Pesan? Kotak berisi gaun dan ajakan makan malam yang terselit disana?
Yes, and You never come!!!
Andai bisa Lila sudah meneriakkan itu tepat ditelinga Ray. Agar dia bisa mendengar dengan sangat jelas kemana sebenarnya Ia pergi sampai larut malam.
“Aku dari galeri, Mas. Lihat!” Sekali lagi Lila menunjukkan sebuah kanvas yang dari tadi ia bawa. “Aku tidak mungkin membawa barang semacam ini ke restoran mewah bukan?”
Lila tidak akan merepotkan dirinya sendiri dengan menenteng kanvas sebesar itu kedalam restoran itu benar. Tapi heels? Lila bukan seniman yang memiliki penampilan ala kadarnya atau bergantung dengan suasana hati. Dan dia hanya menggunakan heels untuk mengahadiri acara formal. Selain itu sepatu kets dan flat shoes adalah sahabat hari-harinya.
“Aku tidak bisa menghubungimu dari tadi.”
“Oh ya? Hapeku mati sepertinya. Tadi nggak sempat ngisi pas digaleri.”
Lebih tepatnya mengabaikan. Ray sudah berkali-kali menghubungi Lila tapi tidak mendapat respon. Ada puluhan panggilan juga chat yang tidak terhitung. Dan semuanya terhubung hanya saja tidak mendapat tanggapan.
“Oh, lain kali jangan lupa bawa power bank.”
Kali ini Ray berbalik lebih dulu. dia harus menutup pintu rumah yang terbuka. juga untuk memikirkan beberapa hal selain kebohongan Lila yang dengan jelas terlihat juga Almira. Si pemilik hatinya. Benarkah pemilik itu masih bernama Almira?

 ***

Ray merasa baru saja memejamkan mata. tapi pendengaranannya sudah menangkap suara berisik. Seperti ada benda terjatuh disuatu tempat.
Saat bangun untuk memeriksa, Ray menemukan sisi ranjang tempat Lila tidur kosong. Dan saat melihat jam di dinding masih menunjukkan pukul 3 pagi.

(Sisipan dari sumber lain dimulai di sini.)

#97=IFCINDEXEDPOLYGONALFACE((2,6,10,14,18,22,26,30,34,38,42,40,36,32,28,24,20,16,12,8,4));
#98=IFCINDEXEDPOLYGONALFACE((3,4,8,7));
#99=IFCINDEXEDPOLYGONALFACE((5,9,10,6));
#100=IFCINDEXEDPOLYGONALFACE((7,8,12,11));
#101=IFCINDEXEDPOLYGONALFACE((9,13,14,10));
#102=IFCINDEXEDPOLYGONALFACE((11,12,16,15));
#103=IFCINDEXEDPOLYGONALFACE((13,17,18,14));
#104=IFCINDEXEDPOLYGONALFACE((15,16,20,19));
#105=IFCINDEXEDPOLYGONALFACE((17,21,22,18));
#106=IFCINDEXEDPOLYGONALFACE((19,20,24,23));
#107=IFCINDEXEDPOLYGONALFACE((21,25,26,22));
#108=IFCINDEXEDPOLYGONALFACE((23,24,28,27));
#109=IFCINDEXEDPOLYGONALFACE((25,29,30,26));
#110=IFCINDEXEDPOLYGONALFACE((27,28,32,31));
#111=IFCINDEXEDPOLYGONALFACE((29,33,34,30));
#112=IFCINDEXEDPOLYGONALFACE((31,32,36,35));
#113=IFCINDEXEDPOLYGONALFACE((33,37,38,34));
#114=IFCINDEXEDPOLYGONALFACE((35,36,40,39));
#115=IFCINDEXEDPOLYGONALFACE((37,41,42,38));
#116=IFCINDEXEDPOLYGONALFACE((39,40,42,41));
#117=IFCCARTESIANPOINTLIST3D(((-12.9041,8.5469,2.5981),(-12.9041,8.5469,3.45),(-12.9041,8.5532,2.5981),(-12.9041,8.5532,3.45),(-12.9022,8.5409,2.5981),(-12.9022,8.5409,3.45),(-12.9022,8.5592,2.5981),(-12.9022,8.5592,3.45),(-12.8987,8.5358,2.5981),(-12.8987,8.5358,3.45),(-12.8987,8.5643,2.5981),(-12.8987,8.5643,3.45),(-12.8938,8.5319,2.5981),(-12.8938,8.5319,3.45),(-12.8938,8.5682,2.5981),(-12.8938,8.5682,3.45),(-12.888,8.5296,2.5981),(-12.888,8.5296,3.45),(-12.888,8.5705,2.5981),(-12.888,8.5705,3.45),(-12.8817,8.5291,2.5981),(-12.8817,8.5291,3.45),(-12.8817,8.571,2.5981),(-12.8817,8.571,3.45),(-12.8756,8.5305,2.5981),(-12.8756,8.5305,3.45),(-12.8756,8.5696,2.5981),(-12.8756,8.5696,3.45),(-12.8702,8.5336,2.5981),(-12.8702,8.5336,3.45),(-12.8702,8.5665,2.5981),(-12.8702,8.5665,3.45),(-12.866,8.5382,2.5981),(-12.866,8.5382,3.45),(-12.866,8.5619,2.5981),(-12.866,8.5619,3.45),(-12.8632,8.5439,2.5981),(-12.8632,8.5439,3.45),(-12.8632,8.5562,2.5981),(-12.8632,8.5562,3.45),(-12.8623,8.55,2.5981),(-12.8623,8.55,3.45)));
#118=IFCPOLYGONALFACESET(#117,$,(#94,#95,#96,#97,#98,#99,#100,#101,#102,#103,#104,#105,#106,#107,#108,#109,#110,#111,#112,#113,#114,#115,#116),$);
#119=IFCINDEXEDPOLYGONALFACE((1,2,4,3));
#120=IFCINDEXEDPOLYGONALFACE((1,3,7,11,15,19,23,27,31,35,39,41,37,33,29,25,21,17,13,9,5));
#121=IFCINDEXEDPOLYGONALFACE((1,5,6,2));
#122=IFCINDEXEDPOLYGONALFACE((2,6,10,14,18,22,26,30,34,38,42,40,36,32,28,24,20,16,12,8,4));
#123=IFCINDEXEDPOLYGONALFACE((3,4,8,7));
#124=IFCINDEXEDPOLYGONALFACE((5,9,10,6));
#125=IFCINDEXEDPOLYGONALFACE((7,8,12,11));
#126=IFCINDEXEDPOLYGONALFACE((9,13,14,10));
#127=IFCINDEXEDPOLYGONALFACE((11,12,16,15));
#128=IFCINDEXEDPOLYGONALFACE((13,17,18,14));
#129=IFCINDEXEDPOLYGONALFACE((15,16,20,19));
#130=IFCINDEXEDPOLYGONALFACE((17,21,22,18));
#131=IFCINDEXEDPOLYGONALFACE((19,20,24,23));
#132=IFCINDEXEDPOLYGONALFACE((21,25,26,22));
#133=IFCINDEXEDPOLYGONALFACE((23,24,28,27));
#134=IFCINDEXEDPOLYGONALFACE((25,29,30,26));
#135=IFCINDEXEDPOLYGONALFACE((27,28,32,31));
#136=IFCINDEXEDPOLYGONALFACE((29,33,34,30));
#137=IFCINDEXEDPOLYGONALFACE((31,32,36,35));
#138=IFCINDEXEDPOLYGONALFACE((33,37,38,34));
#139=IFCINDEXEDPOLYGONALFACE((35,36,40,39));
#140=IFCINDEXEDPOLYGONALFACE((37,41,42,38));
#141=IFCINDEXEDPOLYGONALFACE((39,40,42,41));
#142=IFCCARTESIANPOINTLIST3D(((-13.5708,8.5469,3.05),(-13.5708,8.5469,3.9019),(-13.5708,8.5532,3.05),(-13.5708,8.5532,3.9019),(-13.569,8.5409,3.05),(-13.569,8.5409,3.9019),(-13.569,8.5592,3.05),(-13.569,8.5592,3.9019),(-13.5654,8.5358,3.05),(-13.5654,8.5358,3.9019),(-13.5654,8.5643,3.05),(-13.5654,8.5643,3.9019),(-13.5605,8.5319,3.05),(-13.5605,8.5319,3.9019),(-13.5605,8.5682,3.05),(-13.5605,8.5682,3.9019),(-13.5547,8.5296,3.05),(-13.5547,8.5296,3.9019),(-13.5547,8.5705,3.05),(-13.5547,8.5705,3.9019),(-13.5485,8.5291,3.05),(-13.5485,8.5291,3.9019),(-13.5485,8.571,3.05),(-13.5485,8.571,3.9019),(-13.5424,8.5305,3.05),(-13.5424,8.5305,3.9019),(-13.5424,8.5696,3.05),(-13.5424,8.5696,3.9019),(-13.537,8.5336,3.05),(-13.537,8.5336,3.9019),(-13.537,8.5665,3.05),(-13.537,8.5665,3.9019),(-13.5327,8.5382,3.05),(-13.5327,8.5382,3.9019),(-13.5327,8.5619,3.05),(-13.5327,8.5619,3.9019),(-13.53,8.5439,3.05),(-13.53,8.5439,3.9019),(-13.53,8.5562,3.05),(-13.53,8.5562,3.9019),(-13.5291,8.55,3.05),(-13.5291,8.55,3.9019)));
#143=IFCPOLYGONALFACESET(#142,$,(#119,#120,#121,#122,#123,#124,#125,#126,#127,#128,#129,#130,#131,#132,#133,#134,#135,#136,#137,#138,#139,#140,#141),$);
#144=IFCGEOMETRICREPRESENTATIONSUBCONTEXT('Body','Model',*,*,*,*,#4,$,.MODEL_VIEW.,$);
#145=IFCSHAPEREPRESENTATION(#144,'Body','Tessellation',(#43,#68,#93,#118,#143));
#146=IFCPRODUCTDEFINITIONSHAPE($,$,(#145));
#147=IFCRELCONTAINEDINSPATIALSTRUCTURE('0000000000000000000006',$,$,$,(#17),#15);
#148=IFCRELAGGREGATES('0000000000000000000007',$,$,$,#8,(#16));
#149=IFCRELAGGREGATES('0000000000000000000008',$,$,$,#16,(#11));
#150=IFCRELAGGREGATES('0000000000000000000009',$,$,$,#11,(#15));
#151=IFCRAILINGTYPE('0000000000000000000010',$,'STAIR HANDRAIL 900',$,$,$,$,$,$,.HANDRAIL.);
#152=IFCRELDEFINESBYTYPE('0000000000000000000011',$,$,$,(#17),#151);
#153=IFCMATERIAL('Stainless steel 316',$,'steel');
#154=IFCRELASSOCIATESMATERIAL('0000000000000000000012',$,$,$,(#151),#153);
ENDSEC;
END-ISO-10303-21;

Waktu yang sangat awal untuk mengerjakan pekerjaan rumah. Maka Ray pun mencari keberadaan istrinya.
Keluar kamar mata Ray tidak menemukan satu pun lampu yang dinyalakan. Hanya cahaya langit yang masuk melalui pintu kaca belakang sehingga dia bisa mengetahui keberadaan seseorang didapur.
Ada pecahan beling dimana-mana juga cipratan air. Lila sedang berjongkok memunguti pecahan-pecahan tadi.
“Lil…?”
“Ohh Mas, kebangun ya?” Lila mendongak. “Aku nggak sengaja jatuhin gelas pas mau ambil air.”
“Kamu nggak pa-pa?” Ray ikut membantu membersihkan.
“Nggak pa-pa.”
Ray mengambil kain lap basah untuk membersikan serpihan-serpihan yang tersisa. Juga sisa pecahan yang dikumpulkan Lila untuk dibuang ketempat sampat.
Berdiri setelah jongkok sepertinya membuat keseimbangan Lila berkurang. Sehingga membuatnya mencari pegangan agar tetap berdiri tegak. Ray yang melihatnya merespon cepat. Memegang kedua lengan Lila.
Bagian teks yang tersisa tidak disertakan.